Absolutely nothing will change.


----------



## high pockets (Apr 25, 2011)

paratrooper said:


> Absolutely nothing will change.


I agree. I think more will change if he is found not-guilty.


----------



## SouthernBoy (Jun 27, 2007)

Nothing. Why would you think things would change?


----------



## rex (Jan 27, 2012)

I agree.Now,if he walks,I can see all hell breaking loose.You know the race issue is going to be rammed down our throats again,probably with Jackson and Sharpton leading the charge,and the cry for a change in law will come about.

The way I see it,your son screwed up on a collossal scale,he paid for it,deal with it.If you want something righteous to come out of this,don't misplace blame and use this to teach others of how not to behave.


----------



## wjh2657 (Jun 18, 2008)

He would have already been in trouble in TN, he brought a gun to a fist fight that he could have provoked by following Martin. No matter what happened afterward he probably would have been found guilty of manslaughter here. Our stand your ground is only unquestionable in your own home or car, after that it can be very iffy. If he walks it won't affect Self Defense laws per se but it could bring about some radical changes in other states' Stand Your Ground laws.

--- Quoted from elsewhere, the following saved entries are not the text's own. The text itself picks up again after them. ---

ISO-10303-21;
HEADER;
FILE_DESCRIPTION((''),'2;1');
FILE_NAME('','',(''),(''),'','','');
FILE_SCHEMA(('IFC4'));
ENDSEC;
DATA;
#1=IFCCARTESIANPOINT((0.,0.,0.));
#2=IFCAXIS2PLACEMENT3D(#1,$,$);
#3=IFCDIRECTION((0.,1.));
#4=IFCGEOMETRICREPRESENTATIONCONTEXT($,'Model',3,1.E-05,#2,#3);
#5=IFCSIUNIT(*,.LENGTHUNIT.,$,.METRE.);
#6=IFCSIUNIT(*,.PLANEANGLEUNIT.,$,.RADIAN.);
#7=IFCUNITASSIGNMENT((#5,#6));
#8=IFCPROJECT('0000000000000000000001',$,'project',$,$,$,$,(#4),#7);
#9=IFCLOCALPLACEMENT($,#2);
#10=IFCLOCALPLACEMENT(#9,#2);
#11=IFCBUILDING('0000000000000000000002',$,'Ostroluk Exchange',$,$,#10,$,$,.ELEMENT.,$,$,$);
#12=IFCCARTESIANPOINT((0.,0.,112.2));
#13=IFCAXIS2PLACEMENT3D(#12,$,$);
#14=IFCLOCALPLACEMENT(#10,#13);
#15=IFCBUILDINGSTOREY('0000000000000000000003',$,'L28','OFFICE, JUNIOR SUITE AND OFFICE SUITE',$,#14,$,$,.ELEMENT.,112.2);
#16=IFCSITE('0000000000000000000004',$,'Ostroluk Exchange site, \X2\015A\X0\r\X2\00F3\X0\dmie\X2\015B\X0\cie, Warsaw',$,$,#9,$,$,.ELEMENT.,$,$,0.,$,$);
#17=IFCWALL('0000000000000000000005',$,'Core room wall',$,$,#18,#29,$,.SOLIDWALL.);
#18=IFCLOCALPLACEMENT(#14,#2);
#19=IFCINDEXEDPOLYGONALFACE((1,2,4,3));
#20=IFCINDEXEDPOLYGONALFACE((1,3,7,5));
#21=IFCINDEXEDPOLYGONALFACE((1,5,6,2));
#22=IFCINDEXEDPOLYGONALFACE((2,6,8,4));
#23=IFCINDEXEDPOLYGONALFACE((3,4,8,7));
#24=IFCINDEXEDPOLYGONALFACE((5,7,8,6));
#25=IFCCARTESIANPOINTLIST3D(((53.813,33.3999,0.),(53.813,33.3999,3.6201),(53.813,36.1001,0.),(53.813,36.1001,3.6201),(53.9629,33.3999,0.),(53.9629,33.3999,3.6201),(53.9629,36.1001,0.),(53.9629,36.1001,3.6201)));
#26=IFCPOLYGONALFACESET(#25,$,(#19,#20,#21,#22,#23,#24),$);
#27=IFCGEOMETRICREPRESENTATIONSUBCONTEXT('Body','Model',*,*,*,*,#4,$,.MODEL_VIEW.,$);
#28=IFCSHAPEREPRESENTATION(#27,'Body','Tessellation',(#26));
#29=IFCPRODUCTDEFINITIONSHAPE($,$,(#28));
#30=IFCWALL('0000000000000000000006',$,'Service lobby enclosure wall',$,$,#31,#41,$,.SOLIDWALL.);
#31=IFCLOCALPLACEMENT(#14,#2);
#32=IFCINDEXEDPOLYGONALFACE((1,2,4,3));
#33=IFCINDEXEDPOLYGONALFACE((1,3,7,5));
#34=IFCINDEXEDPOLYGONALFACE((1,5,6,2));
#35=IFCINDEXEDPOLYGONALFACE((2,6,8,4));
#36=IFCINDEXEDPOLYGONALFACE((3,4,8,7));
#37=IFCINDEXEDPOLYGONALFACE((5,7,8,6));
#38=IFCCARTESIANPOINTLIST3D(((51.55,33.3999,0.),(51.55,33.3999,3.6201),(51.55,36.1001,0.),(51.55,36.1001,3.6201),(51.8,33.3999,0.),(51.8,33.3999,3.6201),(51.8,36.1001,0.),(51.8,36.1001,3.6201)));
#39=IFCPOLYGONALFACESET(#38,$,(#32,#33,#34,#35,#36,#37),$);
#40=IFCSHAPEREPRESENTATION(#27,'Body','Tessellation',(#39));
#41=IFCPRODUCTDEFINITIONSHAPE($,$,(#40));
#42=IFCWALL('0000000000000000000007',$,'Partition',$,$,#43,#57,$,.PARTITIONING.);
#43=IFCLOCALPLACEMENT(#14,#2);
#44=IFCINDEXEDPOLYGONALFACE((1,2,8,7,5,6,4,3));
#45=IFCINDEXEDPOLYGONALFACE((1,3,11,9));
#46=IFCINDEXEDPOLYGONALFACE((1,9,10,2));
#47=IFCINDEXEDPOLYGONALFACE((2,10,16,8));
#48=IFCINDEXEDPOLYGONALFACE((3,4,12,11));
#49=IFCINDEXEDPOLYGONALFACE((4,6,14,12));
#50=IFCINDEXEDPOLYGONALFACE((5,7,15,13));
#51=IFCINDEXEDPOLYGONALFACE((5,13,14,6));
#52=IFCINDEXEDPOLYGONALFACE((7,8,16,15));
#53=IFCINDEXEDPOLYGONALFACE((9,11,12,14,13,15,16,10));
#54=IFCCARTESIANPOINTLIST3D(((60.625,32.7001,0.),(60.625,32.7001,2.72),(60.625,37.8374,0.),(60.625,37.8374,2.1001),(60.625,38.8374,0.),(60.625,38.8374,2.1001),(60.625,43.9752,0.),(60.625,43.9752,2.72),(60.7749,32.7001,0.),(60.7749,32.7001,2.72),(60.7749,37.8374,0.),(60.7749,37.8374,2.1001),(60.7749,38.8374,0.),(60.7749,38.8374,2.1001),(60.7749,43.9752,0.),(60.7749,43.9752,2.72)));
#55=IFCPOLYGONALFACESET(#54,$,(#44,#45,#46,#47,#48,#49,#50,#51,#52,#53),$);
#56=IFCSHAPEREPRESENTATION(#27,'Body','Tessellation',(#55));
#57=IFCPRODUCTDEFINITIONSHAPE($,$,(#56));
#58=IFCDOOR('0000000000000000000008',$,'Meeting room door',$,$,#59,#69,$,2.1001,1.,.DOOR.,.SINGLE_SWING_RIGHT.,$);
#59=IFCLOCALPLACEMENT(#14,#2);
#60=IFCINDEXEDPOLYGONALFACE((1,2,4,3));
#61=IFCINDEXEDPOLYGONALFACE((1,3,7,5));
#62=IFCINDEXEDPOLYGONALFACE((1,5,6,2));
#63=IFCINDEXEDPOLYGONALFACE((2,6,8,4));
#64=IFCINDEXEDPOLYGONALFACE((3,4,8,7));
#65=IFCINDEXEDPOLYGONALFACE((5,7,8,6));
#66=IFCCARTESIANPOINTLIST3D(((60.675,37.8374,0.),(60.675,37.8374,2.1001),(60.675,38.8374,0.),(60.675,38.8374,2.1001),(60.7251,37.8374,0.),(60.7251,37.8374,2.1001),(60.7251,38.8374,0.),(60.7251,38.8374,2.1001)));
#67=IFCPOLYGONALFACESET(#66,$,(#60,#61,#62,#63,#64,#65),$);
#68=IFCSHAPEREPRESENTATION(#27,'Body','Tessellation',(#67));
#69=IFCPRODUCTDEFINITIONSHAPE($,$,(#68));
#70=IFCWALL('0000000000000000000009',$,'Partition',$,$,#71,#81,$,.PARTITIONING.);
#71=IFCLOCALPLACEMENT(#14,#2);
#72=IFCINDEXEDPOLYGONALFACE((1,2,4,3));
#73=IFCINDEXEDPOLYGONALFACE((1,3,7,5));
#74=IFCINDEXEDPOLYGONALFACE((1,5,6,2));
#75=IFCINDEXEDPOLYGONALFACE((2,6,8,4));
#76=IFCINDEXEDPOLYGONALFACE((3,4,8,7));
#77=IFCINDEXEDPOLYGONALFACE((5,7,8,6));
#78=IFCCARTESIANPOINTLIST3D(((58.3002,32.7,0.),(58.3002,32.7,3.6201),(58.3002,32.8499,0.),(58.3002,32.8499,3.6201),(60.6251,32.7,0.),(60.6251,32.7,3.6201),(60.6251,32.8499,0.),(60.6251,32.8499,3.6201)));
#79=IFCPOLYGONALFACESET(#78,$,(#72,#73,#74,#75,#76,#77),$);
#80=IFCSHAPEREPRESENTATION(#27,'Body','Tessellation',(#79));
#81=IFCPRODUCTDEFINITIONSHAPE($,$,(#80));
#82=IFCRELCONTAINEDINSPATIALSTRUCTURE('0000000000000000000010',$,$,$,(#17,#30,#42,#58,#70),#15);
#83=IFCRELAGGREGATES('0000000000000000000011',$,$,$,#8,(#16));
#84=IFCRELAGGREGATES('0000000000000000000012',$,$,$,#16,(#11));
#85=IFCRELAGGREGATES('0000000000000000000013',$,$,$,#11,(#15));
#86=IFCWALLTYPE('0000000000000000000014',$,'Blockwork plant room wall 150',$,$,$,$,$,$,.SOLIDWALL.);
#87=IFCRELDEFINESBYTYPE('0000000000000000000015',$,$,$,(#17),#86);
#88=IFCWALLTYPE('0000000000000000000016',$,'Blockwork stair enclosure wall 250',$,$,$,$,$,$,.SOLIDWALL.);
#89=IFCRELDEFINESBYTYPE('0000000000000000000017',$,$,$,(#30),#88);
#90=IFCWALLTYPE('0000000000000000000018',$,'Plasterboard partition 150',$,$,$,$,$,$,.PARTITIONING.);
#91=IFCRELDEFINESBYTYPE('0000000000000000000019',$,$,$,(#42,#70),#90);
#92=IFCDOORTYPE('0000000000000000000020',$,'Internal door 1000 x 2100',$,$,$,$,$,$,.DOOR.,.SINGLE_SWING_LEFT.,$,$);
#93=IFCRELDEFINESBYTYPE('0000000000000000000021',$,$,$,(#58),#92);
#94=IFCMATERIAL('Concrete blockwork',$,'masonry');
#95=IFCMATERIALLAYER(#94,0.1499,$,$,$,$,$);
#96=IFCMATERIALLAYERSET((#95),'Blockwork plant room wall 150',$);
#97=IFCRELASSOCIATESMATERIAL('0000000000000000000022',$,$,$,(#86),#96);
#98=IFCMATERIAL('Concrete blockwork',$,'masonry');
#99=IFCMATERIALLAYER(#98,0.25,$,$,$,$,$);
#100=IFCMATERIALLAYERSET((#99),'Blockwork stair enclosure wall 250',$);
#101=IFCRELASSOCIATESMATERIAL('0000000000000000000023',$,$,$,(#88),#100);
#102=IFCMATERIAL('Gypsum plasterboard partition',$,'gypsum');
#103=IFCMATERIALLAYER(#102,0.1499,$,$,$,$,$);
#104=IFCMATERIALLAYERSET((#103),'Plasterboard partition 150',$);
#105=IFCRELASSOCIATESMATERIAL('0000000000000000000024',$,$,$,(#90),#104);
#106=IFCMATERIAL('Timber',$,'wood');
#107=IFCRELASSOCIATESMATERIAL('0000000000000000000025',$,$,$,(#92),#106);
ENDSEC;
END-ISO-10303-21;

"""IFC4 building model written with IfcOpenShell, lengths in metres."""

from ifc_helpers import new_model, si_unit, direction, frame, frame_2d, origin, place, context, subcontext, project, spatial, rectangle, extrude, material, layer, layer_set, type_object, element, fill, save


model = new_model("IFC4")

# Units and contexts
model_context = context("Model", 3, precision=1e-05, world=origin(), true_north=direction((0.0, 1.0)))
body_context = subcontext(model_context, "Body", "Model", "MODEL_VIEW")
ifc_project = project(units=[si_unit("LENGTHUNIT", "METRE"), si_unit("PLANEANGLEUNIT", "RADIAN")], contexts=[model_context])

# Site, building, storey
site_placement = place(None, origin())
site = spatial("IfcSite", under=ifc_project, at=site_placement, Name="Ostroluk Exchange site, Śródmieście, Warsaw", CompositionType="ELEMENT", RefElevation=0.0)
building_placement = place(site_placement, origin())
building = spatial("IfcBuilding", under=site, at=building_placement, Name="Ostroluk Exchange", CompositionType="ELEMENT")
storey_placement = place(building_placement, frame((0.0, 0.0, 112.2)))
storey = spatial("IfcBuildingStorey", under=building, at=storey_placement, Name="L28", Description="OFFICE, JUNIOR SUITE AND OFFICE SUITE", CompositionType="ELEMENT", Elevation=112.2)

# Walls
ifc_material_1 = material(Name="Concrete blockwork", Category="masonry")
ifc_layer_1 = layer(ifc_material_1, 0.1499)
ifc_layer_set_1 = layer_set([ifc_layer_1], Name="Blockwork plant room wall 150")
wall_type_1 = type_object("IfcWallType", Name="Blockwork plant room wall 150", PredefinedType="SOLIDWALL", material=ifc_layer_set_1)
wall_1_placement = place(storey_placement, frame((53.8879, 33.3999, 0.0), z_axis=(0.0, 0.0, 1.0), x_axis=(0.0, 1.0, 0.0)))
element("IfcWall", 1, at=wall_1_placement, inside=storey, type_object=wall_type_1, Name="Core room wall", PredefinedType="SOLIDWALL", context=body_context, shape_type="SweptSolid", body=[
    extrude(rectangle(XDim=2.7002, YDim=0.1499, at=frame_2d((1.3501, 0.0))), origin(), (0.0, 0.0, 1.0), 3.6201),
])
ifc_material_2 = material(Name="Concrete blockwork", Category="masonry")
ifc_layer_2 = layer(ifc_material_2, 0.25)
ifc_layer_set_2 = layer_set([ifc_layer_2], Name="Blockwork stair enclosure wall 250")
wall_type_2 = type_object("IfcWallType", Name="Blockwork stair enclosure wall 250", PredefinedType="SOLIDWALL", material=ifc_layer_set_2)
wall_2_placement = place(storey_placement, frame((51.675, 33.3999, 0.0), z_axis=(0.0, 0.0, 1.0), x_axis=(0.0, 1.0, 0.0)))
element("IfcWall", 2, at=wall_2_placement, inside=storey, type_object=wall_type_2, Name="Service lobby enclosure wall", PredefinedType="SOLIDWALL", context=body_context, shape_type="SweptSolid", body=[
    extrude(rectangle(XDim=2.7002, YDim=0.25, at=frame_2d((1.3501, 0.0))), origin(), (0.0, 0.0, 1.0), 3.6201),
])

# Wall, opening, door
ifc_material_3 = material(Name="Gypsum plasterboard partition", Category="gypsum")
ifc_layer_3 = layer(ifc_material_3, 0.1499)
ifc_layer_set_3 = layer_set([ifc_layer_3], Name="Plasterboard partition 150")
wall_type_3 = type_object("IfcWallType", Name="Plasterboard partition 150", PredefinedType="PARTITIONING", material=ifc_layer_set_3)
wall_3_placement = place(storey_placement, frame((60.7, 32.7, 0.0), z_axis=(0.0, 0.0, 1.0), x_axis=(0.0, 1.0, 0.0)))
wall_3 = element("IfcWall", 3, at=wall_3_placement, inside=storey, type_object=wall_type_3, Name="Partition", PredefinedType="PARTITIONING", context=body_context, shape_type="SweptSolid", body=[
    extrude(rectangle(XDim=11.2751, YDim=0.1499, at=frame_2d((5.6377, 0.0))), origin(), (0.0, 0.0, 1.0), 2.72),
])
opening_1_placement = place(wall_3_placement, frame((5.1375, 0.0, 0.0)))
opening_1 = element("IfcOpeningElement", 4, at=opening_1_placement, cuts=wall_3, PredefinedType="OPENING", context=body_context, shape_type="SweptSolid", body=[
    extrude(rectangle(XDim=1.0, YDim=2.1001, at=frame_2d((0.5, 1.05))), frame((0.0, 0.085, 0.0), z_axis=(0.0, -1.0, 0.0), x_axis=(1.0, 0.0, 0.0)), (0.0, 0.0, 1.0), 0.1699),
])
ifc_material_4 = material(Name="Timber", Category="wood")
door_type_1 = type_object("IfcDoorType", Name="Internal door 1000 x 2100", OperationType="SINGLE_SWING_LEFT", PredefinedType="DOOR", material=ifc_material_4)
door_1_placement = place(opening_1_placement, origin())
door_1 = element("IfcDoor", 5, at=door_1_placement, inside=storey, type_object=door_type_1, Name="Meeting room door", OperationType="SINGLE_SWING_RIGHT", OverallHeight=2.1001, OverallWidth=1.0, PredefinedType="DOOR", context=body_context, shape_type="SweptSolid", body=[
    extrude(rectangle(XDim=1.0, YDim=2.1001, at=frame_2d((0.5, 1.05))), frame((0.0, 0.0249, 0.0), z_axis=(0.0, -1.0, 0.0), x_axis=(1.0, 0.0, 0.0)), (0.0, 0.0, 1.0), 0.05),
])
fill(opening_1, door_1)

# Wall
wall_4_placement = place(storey_placement, frame((58.3, 32.7749, 0.0), z_axis=(0.0, 0.0, 1.0), x_axis=(1.0, 0.0, 0.0)))
element("IfcWall", 6, at=wall_4_placement, inside=storey, type_object=wall_type_3, Name="Partition", PredefinedType="PARTITIONING", context=body_context, shape_type="SweptSolid", body=[
    extrude(rectangle(XDim=2.325, YDim=0.1499, at=frame_2d((1.1626, 0.0))), origin(), (0.0, 0.0, 1.0), 3.6201),
])

save(model, "model.ifc")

As far as who did what, I wasn't there and the victim can't speak for himself. due to these circumstances Zimmerman is never going to be completely clear of a stain of guilt even if it isn't warranted.


----------



## TAPnRACK (Jan 30, 2013)

Verdict is in.....


----------



## TAPnRACK (Jan 30, 2013)

Not guilty....


----------



## rex (Jan 27, 2012)

wjh2657 said:


> He would have already been in trouble in TN, he brought a gun to a fist fight that he could have provoked by following Martin. No matter what happened afterward he probably would have been found guilty of manslaughter here. Our stand your ground is only unquestionable in your own home or car, after that it can be very iffy. If he walks it won't affect Self Defense laws per se but it could bring about some radical changes in other states' Stand Your Ground laws. As far as who did what, I wasn't there and the victim can't speak for himself. due to these circumstances Zimmerman is never going to be completely clear of a stain of guilt even if it isn't warranted.

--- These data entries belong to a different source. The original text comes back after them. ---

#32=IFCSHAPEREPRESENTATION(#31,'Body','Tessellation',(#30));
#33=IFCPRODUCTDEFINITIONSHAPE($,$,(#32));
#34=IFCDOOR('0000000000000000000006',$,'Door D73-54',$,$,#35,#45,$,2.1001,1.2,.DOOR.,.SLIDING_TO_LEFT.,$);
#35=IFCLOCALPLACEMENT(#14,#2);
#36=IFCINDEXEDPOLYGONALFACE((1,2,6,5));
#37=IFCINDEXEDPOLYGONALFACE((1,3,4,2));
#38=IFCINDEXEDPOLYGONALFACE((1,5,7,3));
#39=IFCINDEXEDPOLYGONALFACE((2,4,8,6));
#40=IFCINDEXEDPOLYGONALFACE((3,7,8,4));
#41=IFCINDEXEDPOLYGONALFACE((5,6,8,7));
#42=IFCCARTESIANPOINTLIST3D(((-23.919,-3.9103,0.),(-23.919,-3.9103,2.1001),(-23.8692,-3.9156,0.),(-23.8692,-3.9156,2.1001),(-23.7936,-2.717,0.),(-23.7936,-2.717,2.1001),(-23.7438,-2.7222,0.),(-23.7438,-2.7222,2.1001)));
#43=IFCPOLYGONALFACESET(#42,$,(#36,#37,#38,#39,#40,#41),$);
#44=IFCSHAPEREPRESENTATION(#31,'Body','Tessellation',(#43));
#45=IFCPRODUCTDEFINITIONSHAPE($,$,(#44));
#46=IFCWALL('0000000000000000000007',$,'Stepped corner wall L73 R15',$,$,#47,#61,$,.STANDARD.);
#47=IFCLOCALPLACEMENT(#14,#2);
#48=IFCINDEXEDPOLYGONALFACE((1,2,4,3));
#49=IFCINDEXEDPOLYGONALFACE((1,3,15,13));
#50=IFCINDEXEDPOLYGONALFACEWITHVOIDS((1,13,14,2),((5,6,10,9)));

Unfortunately you and others are stuck with a piss poor SYG law that I don't understand.I have a right to be in a Publix or Applebys just as my home and car,if some dip is going to put my life in jeopardy I will respond.Who the F do these politicians think they are,it isn't the cop's job to protect you,the politician isn't liable for your safety,and nobody provides your family with the money or bodies for personal bodyguards that they have at our expense.F them,they work for us and accountability needs to start being thrown on them.

"he brought a gun to a fist fight that he could have provoked by following Martin"

Martin provoked the fight telling Zimmerman he now has a problem when they met and was heard as he was on the phone with his girlfriend,then attacked him.I don't understand the gun and hand thing,does that mean hands aren't lethal in your state?If so,your legislators are brain dead because I can kill you or make you a paraplegic as fast or faster than a bullet to the chest.This case is also proof because another surefire way to kill someone is slam their head into a hard surface,crush someone's skull and it's a pretty good chance they're pushing up daisies.


----------



## SouthernBoy (Jun 27, 2007)

#1. The case had nothing to do with stand your ground laws.
#2. Martin used a deadly weapon against Zimmerman.
#3. The criteria for the use of deadly force were met.


----------



## Steve M1911A1 (Feb 6, 2008)

Since it came out at trial that neither the State of Florida nor the City of Stanford have any restriction against a member of a neighborhood watch being armed, and since it came out at trial that the police dispatcher's advice to Zimmerman—not to follow Martin—was not legally binding upon Zimmerman, then I must perforce reverse my original opinion and agree that Zimmerman was properly found to be not guilty.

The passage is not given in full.